The selfless attitude displayed on the court is a reflection of the culture established within the program. Over the last half-decade or so, the team has been defined by an unselfish style of play that has resulted in historic success.

 

“I’m a big believer in-- I’m about to spit some knowledge here-- in finding people’s greatest strengths and then getting them to play towards just those strengths,” McCollum said. “When you tell kids, and kids want to know just like adults want to know, ‘What can I do? What can I be great at?’ Do it all the time, and if you don’t do it, I’m going to scream and yell at you. I think that’s what creates a lot of unselfishness. Guys know who they are and what their strengths are and they play towards those strengths constantly.”

 

McCollum highlighted the fact that Northwest seeks unselfishness when in the recruiting phase. In short, Northwest recruits selfless players to play selfless basketball.

 

“We’ve got 11 guys, I’ve used six or seven scholarships, I’ve got 10 that I can use,” McCollum said. “We like specific people that can handle it. This program is not, is not for everybody. It’s not.

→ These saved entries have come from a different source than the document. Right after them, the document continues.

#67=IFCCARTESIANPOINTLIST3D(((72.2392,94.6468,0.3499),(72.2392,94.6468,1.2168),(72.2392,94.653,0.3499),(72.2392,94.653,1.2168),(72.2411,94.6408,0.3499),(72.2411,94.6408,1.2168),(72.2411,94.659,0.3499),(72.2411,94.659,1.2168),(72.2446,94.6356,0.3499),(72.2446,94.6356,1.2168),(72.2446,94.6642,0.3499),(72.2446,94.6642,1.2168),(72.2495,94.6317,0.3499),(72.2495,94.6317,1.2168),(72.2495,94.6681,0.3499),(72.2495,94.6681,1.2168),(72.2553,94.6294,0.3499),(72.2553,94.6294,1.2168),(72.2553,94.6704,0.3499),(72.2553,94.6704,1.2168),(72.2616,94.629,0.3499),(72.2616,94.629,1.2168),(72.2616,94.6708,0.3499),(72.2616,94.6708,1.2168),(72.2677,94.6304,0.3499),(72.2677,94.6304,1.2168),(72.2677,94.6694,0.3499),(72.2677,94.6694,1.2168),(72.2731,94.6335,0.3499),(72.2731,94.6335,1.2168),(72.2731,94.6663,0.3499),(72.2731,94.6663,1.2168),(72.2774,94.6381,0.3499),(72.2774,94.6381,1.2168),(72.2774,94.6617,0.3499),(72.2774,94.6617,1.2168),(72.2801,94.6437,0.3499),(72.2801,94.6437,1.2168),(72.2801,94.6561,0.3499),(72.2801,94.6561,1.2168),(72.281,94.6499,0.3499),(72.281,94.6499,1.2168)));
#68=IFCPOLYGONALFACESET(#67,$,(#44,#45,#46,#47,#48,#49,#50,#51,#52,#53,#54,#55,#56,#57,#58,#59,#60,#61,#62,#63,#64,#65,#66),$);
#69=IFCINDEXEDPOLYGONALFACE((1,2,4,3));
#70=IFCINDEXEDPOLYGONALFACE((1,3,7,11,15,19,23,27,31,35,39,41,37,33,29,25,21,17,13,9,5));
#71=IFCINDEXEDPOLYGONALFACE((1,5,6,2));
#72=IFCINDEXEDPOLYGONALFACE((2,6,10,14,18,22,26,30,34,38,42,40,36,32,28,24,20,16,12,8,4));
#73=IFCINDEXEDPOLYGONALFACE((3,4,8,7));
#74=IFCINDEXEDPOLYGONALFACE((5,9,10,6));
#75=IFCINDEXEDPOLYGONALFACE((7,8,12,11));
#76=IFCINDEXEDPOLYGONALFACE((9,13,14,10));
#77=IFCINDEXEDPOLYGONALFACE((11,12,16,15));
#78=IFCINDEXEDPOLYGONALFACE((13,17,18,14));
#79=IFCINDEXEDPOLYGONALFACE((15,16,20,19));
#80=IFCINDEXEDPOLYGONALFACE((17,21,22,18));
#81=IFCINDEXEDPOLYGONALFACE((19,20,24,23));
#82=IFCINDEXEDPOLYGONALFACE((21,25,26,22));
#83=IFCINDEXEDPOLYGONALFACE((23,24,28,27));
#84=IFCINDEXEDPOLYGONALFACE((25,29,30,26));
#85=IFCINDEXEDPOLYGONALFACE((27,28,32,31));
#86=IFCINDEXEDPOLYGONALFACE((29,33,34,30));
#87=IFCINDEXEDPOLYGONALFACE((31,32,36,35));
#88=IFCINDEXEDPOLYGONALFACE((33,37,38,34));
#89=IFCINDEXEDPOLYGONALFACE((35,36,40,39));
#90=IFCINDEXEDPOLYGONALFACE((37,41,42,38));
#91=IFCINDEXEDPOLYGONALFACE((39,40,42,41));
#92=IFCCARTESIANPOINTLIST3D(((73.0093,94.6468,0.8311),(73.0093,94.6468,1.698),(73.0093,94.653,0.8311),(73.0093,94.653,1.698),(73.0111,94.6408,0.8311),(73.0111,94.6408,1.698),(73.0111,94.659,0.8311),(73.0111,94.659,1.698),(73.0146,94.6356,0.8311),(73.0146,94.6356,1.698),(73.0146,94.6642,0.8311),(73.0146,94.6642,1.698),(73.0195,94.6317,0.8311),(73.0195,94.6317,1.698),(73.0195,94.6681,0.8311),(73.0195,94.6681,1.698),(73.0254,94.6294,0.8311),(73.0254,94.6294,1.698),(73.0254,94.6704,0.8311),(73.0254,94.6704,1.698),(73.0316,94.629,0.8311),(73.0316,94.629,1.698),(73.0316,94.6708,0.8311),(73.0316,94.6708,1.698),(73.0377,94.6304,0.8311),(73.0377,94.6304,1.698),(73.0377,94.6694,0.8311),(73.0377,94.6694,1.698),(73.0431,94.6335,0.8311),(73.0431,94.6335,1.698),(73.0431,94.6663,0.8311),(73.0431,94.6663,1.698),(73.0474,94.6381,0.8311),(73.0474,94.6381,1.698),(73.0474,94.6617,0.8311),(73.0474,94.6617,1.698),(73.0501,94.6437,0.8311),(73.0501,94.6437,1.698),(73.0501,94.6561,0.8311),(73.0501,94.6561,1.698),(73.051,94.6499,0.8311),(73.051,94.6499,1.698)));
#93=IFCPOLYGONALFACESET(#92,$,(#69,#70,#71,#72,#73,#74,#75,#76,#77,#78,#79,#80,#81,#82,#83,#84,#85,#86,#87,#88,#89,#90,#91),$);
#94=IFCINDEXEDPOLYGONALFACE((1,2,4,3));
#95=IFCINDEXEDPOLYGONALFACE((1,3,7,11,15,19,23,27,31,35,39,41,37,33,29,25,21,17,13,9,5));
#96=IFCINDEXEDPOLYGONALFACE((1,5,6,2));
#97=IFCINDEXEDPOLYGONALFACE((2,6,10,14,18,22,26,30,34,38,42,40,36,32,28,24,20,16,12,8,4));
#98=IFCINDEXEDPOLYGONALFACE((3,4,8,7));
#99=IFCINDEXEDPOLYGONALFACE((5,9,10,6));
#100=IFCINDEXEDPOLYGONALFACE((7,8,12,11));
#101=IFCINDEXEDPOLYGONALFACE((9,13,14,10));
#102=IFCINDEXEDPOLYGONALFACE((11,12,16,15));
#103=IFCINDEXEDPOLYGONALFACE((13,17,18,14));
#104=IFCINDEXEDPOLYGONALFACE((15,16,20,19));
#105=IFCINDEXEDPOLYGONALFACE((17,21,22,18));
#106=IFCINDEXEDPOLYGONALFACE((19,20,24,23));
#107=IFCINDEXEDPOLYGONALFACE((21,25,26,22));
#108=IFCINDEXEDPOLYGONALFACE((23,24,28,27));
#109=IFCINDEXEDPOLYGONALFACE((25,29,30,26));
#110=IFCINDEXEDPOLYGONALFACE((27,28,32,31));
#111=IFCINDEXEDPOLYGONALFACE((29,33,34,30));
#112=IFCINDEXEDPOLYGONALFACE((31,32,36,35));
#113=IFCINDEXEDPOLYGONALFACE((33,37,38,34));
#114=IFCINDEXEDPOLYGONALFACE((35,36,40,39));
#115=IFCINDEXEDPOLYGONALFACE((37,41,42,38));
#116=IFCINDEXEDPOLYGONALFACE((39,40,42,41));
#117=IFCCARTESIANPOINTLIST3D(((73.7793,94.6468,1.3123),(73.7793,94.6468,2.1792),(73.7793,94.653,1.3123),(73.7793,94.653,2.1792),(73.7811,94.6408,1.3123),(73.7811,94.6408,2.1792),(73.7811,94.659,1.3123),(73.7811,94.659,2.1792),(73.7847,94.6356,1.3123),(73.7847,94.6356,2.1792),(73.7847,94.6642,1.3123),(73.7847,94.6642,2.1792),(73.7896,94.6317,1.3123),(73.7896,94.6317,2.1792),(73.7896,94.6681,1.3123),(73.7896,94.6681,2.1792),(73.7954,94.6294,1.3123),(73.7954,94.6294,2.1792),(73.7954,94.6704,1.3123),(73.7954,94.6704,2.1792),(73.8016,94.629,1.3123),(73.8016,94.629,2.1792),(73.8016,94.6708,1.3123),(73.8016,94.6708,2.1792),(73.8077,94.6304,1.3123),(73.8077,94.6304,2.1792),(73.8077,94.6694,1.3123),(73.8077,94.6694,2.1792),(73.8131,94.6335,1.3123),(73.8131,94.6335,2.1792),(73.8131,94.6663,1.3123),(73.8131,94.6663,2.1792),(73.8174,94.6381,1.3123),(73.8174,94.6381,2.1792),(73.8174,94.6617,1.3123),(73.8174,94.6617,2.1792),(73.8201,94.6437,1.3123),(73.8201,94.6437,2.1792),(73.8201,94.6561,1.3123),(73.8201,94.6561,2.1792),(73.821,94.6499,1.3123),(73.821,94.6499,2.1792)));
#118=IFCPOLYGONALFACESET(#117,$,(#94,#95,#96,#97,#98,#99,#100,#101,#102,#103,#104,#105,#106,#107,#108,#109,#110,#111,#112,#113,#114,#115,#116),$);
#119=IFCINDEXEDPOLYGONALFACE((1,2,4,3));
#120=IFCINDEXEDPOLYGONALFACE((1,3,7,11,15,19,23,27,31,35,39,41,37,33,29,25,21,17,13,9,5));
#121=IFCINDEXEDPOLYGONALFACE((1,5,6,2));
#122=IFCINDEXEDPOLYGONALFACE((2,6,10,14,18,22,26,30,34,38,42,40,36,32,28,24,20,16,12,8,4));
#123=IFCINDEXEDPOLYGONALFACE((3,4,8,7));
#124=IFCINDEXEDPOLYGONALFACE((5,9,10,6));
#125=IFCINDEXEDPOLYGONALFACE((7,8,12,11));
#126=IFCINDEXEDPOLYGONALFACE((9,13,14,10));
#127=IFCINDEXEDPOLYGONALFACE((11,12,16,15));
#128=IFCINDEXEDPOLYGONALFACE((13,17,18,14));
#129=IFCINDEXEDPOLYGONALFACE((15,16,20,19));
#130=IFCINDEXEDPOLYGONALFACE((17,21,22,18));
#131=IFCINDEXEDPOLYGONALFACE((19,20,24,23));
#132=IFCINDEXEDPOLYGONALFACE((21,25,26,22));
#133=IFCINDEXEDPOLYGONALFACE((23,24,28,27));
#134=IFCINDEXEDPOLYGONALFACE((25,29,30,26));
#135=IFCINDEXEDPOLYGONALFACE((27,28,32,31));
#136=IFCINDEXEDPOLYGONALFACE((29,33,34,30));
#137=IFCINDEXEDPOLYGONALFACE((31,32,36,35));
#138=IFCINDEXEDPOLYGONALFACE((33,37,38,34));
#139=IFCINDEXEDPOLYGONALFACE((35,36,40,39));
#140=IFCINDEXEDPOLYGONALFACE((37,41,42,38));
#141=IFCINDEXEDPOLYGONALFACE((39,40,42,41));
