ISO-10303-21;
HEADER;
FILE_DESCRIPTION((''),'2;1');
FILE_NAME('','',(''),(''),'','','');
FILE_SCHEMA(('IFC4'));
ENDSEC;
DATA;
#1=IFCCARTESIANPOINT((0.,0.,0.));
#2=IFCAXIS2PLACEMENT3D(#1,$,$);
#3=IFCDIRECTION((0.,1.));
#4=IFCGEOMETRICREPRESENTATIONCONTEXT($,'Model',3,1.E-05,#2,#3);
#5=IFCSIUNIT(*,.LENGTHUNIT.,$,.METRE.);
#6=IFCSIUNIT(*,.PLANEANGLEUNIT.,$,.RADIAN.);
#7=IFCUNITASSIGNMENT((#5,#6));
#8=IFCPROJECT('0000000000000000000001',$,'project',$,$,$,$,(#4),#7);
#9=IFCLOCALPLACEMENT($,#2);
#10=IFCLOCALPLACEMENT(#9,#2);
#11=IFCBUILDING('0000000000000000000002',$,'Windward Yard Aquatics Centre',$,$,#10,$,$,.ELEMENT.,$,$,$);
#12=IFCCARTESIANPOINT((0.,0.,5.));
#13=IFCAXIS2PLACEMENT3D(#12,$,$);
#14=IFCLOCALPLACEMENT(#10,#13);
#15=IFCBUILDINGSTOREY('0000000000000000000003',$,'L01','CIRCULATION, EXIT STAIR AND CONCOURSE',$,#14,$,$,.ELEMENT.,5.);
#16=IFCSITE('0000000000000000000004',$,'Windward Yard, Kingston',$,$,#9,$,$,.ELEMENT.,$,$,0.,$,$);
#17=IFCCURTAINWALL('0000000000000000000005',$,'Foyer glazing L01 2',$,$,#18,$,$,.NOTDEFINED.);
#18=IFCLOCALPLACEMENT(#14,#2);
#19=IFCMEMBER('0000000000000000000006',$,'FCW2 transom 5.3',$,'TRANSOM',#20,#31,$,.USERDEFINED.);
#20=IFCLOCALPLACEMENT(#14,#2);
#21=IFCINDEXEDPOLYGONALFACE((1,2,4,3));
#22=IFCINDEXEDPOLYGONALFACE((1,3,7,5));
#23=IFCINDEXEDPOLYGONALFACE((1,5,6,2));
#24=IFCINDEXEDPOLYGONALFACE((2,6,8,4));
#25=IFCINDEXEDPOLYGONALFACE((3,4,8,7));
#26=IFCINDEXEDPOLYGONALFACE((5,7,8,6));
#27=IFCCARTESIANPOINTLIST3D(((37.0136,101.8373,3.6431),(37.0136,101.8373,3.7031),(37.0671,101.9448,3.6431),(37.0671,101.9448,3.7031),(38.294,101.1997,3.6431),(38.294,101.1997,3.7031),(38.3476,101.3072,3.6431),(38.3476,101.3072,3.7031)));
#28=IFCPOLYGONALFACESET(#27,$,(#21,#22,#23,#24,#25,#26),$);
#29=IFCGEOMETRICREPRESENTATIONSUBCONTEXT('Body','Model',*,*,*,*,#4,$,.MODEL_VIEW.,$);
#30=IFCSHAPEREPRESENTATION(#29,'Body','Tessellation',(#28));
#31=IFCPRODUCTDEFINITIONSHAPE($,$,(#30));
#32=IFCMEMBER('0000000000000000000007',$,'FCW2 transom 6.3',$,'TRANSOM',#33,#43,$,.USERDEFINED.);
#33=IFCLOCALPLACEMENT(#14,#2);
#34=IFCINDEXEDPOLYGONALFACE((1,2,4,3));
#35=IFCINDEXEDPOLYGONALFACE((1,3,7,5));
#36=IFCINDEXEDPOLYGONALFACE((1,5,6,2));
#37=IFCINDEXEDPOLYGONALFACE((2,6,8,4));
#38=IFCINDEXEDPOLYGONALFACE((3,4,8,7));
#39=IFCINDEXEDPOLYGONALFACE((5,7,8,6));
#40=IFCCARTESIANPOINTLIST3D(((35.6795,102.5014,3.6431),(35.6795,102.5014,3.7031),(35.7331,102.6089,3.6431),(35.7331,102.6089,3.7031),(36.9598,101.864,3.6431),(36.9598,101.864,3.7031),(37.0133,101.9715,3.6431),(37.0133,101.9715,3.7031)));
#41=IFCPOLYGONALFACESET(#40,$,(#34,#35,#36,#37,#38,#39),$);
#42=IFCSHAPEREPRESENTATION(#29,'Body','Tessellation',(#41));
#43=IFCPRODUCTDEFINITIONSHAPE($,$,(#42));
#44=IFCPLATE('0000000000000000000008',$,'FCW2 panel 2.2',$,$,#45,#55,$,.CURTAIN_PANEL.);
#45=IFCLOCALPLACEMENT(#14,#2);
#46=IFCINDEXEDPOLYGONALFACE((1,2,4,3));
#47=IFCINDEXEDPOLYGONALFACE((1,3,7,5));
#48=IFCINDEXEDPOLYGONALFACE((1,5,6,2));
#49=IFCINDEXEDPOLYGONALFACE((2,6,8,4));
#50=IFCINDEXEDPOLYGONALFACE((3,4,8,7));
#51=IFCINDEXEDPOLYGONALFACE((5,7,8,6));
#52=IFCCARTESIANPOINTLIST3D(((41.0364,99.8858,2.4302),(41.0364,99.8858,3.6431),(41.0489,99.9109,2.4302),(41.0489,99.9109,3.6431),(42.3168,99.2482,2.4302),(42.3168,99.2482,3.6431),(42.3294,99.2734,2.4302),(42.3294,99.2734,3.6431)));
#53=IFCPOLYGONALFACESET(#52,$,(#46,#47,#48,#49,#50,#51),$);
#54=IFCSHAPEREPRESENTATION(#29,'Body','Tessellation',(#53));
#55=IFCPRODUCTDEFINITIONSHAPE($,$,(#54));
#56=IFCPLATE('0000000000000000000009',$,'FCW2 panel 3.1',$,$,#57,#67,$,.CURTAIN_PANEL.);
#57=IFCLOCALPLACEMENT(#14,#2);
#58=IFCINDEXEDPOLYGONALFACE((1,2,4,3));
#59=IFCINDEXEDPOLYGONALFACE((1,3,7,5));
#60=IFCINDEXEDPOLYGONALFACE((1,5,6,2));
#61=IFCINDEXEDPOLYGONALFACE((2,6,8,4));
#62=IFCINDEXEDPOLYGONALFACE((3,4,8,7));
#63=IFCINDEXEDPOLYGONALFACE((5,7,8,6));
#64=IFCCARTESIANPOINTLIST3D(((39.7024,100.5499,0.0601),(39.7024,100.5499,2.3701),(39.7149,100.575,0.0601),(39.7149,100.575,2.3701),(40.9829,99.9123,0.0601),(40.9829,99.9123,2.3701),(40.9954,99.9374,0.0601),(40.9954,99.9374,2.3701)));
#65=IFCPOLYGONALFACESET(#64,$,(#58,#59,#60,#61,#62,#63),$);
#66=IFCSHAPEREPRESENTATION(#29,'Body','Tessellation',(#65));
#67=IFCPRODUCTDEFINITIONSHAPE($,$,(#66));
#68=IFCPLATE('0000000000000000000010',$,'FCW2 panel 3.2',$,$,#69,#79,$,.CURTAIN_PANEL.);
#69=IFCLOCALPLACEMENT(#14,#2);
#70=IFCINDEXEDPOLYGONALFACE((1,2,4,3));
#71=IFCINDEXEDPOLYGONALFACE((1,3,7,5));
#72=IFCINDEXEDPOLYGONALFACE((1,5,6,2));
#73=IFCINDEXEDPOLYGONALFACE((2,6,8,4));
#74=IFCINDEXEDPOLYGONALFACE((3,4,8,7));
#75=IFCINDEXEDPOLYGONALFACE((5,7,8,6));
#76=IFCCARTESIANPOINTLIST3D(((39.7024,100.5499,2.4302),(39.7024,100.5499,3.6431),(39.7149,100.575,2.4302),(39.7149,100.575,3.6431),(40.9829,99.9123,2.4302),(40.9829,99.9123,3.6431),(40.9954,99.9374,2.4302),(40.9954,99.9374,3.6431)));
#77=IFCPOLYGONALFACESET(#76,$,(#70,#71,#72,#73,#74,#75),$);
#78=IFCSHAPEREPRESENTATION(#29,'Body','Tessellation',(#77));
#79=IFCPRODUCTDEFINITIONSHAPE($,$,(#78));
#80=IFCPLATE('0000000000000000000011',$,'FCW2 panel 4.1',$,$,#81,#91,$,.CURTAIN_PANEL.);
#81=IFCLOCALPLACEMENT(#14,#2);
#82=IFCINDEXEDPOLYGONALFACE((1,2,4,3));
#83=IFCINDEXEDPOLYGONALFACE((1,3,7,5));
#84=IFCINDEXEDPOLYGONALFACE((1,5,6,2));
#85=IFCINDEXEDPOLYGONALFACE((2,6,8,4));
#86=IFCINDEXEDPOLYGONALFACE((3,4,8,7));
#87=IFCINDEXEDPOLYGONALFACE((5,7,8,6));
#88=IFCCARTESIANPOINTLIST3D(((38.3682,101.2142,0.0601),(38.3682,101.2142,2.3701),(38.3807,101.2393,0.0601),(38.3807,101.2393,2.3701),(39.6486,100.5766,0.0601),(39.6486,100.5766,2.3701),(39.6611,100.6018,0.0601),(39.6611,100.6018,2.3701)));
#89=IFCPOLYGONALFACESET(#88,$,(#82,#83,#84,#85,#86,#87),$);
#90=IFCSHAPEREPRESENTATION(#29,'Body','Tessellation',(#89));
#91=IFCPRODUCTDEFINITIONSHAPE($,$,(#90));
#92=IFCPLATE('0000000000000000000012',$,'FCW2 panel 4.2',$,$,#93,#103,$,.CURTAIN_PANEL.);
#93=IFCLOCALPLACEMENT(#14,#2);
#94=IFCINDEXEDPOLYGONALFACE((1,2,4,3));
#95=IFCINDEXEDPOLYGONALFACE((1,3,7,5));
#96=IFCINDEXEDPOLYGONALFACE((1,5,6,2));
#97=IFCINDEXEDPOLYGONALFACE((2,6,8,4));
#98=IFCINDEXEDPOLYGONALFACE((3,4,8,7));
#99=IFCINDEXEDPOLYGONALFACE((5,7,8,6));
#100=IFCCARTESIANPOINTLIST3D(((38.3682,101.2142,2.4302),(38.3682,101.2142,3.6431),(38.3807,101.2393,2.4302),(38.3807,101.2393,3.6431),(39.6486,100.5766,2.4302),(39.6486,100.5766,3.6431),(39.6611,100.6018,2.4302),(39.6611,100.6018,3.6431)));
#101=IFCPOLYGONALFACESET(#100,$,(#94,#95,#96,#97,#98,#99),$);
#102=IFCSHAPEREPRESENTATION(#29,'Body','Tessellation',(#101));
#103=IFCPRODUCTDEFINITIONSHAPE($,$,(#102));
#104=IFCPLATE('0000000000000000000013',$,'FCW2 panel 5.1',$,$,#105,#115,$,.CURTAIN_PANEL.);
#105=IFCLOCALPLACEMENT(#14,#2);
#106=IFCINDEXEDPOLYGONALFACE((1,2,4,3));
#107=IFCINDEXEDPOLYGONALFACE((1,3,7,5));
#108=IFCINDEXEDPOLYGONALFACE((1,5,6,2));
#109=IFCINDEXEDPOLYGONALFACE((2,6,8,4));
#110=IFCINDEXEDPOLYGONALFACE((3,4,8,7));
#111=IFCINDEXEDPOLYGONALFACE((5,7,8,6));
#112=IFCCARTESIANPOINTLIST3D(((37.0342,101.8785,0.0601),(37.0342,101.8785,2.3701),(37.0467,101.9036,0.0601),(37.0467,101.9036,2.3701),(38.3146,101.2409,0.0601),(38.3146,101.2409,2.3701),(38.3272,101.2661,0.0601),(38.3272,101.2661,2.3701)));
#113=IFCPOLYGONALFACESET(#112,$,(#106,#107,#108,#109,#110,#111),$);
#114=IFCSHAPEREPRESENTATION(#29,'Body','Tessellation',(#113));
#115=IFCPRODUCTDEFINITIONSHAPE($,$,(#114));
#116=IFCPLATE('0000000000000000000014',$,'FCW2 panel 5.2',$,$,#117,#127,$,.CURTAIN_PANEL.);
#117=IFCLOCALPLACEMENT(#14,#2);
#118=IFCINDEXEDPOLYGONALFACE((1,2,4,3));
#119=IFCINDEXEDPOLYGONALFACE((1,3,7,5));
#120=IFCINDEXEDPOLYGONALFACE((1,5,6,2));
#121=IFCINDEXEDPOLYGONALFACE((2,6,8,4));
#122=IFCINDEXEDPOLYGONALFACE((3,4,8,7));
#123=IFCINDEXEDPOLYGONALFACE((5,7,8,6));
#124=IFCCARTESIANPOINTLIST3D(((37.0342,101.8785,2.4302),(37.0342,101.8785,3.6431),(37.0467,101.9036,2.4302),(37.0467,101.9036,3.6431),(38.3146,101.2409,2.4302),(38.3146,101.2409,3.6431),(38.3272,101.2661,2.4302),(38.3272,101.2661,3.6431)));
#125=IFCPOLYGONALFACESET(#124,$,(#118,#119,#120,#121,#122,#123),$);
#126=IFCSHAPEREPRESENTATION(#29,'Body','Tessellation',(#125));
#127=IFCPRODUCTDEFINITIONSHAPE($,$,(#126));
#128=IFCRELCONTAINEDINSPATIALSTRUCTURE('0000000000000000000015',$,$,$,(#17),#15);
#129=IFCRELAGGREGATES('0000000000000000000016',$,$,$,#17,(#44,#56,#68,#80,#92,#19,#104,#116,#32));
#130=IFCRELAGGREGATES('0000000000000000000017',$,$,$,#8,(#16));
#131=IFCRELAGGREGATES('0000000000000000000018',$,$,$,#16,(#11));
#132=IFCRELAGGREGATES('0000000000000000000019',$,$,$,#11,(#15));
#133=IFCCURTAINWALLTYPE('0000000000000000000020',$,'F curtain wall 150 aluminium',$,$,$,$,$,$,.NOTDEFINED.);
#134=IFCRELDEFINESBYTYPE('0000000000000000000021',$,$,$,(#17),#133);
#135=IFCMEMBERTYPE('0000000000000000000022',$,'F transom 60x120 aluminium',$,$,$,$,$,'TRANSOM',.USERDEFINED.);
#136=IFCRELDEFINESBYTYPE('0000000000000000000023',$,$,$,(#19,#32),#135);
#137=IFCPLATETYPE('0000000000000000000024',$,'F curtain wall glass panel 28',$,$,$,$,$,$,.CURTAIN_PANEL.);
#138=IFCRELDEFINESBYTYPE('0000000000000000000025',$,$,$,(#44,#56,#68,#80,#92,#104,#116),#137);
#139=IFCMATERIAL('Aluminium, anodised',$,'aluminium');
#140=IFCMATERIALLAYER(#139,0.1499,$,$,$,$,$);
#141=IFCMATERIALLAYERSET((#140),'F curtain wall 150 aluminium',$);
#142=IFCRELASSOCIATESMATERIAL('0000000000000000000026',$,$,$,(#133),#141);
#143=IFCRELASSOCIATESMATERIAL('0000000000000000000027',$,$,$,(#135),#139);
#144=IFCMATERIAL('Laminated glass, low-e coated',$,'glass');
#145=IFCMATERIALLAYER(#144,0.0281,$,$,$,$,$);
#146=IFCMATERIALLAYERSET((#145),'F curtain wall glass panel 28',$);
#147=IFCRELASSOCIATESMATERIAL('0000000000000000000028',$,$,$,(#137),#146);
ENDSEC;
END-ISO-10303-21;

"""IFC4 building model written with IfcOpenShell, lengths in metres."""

from ifc_helpers import new_model, si_unit, direction, frame, origin, origin_2d, place, context, subcontext, project, spatial, rectangle, extrude, material, layer, layer_set, material_profile, profile_set, type_object, element, aggregate, save


model = new_model("IFC4")

# Units and contexts
model_context = context("Model", 3, precision=1e-05, world=origin(), true_north=direction((0.0, 1.0)))
body_context = subcontext(model_context, "Body", "Model", "MODEL_VIEW")
ifc_project = project(units=[si_unit("LENGTHUNIT", "METRE"), si_unit("PLANEANGLEUNIT", "RADIAN")], contexts=[model_context])

# Site, building, storey
site_placement = place(None, origin())
site = spatial("IfcSite", under=ifc_project, at=site_placement, Name="Windward Yard, Kingston", CompositionType="ELEMENT", RefElevation=0.0)
building_placement = place(site_placement, origin())
building = spatial("IfcBuilding", under=site, at=building_placement, Name="Windward Yard Aquatics Centre", CompositionType="ELEMENT")
storey_placement = place(building_placement, frame((0.0, 0.0, 5.0)))
storey = spatial("IfcBuildingStorey", under=building, at=storey_placement, Name="L01", Description="CIRCULATION, EXIT STAIR AND CONCOURSE", CompositionType="ELEMENT", Elevation=5.0)

# Curtain wall, members, plates
ifc_material_1 = material(Name="Aluminium, anodised", Category="aluminium")
ifc_layer_1 = layer(ifc_material_1, 0.1499)
ifc_layer_set_1 = layer_set([ifc_layer_1], Name="F curtain wall 150 aluminium")
curtain_wall_type = type_object("IfcCurtainWallType", Name="F curtain wall 150 aluminium", PredefinedType="NOTDEFINED", material=ifc_layer_set_1)
curtain_wall_placement = place(storey_placement, origin())
curtain_wall = element("IfcCurtainWall", 1, at=curtain_wall_placement, inside=storey, type_object=curtain_wall_type, Name="Foyer glazing L01 2", PredefinedType="NOTDEFINED")
ifc_material_profile_1 = material_profile(ifc_material_1, rectangle(XDim=0.1201, YDim=0.0601, at=origin_2d()), Name="TRANSOM 60x120")
ifc_profile_set_1 = profile_set([ifc_material_profile_1], Name="Aluminium, anodised")
member_type_1 = type_object("IfcMemberType", Name="F transom 60x120 aluminium", ElementType="TRANSOM", PredefinedType="USERDEFINED", material=ifc_profile_set_1)
member_1_placement = place(storey_placement, frame((38.3208, 101.2534, 3.6731), z_axis=(-0.895143, 0.445779, 0.0), x_axis=(-0.445779, -0.895143, 0.0)))
member_1 = element("IfcMember", 2, at=member_1_placement, type_object=member_type_1, Name="FCW2 transom 5.3", ObjectType="TRANSOM", PredefinedType="USERDEFINED", context=body_context, shape_type="SweptSolid", body=[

It’s a tough program to be in because you’ve got to give and give and give.”

 

In all, the Bearcats battled selflessly through a too-close-for-comfort second half against Emporia and excited Bearcat Arena with a win, and perhaps more importantly, a better understanding of themselves.

 

Northwest did not shoot as well as it could have, hitting 44 percent of its shots. The team allowed Emporia State to hang around longer than wanted and gave up second-chance points more often than it should have.

 

Still, the Bearcats made shots when they needed to the most, or more accurately, found the player who could when they needed to the most, and extended their winning streak to 15 games in the process.

 

Northwest will look to extend its streak to 16 Jan. 12 against Washburn.

 

“Where we’re at in regards to a result, from an external standpoint, has probably exceeded a lot of expectations,” McCollum said. “I guess I don’t view it necessarily as that, it’s more, ‘Are we improving? Are we competing?’ ...I thought we played fantastic tonight, and now we’re going to play fantastic again on Saturday.”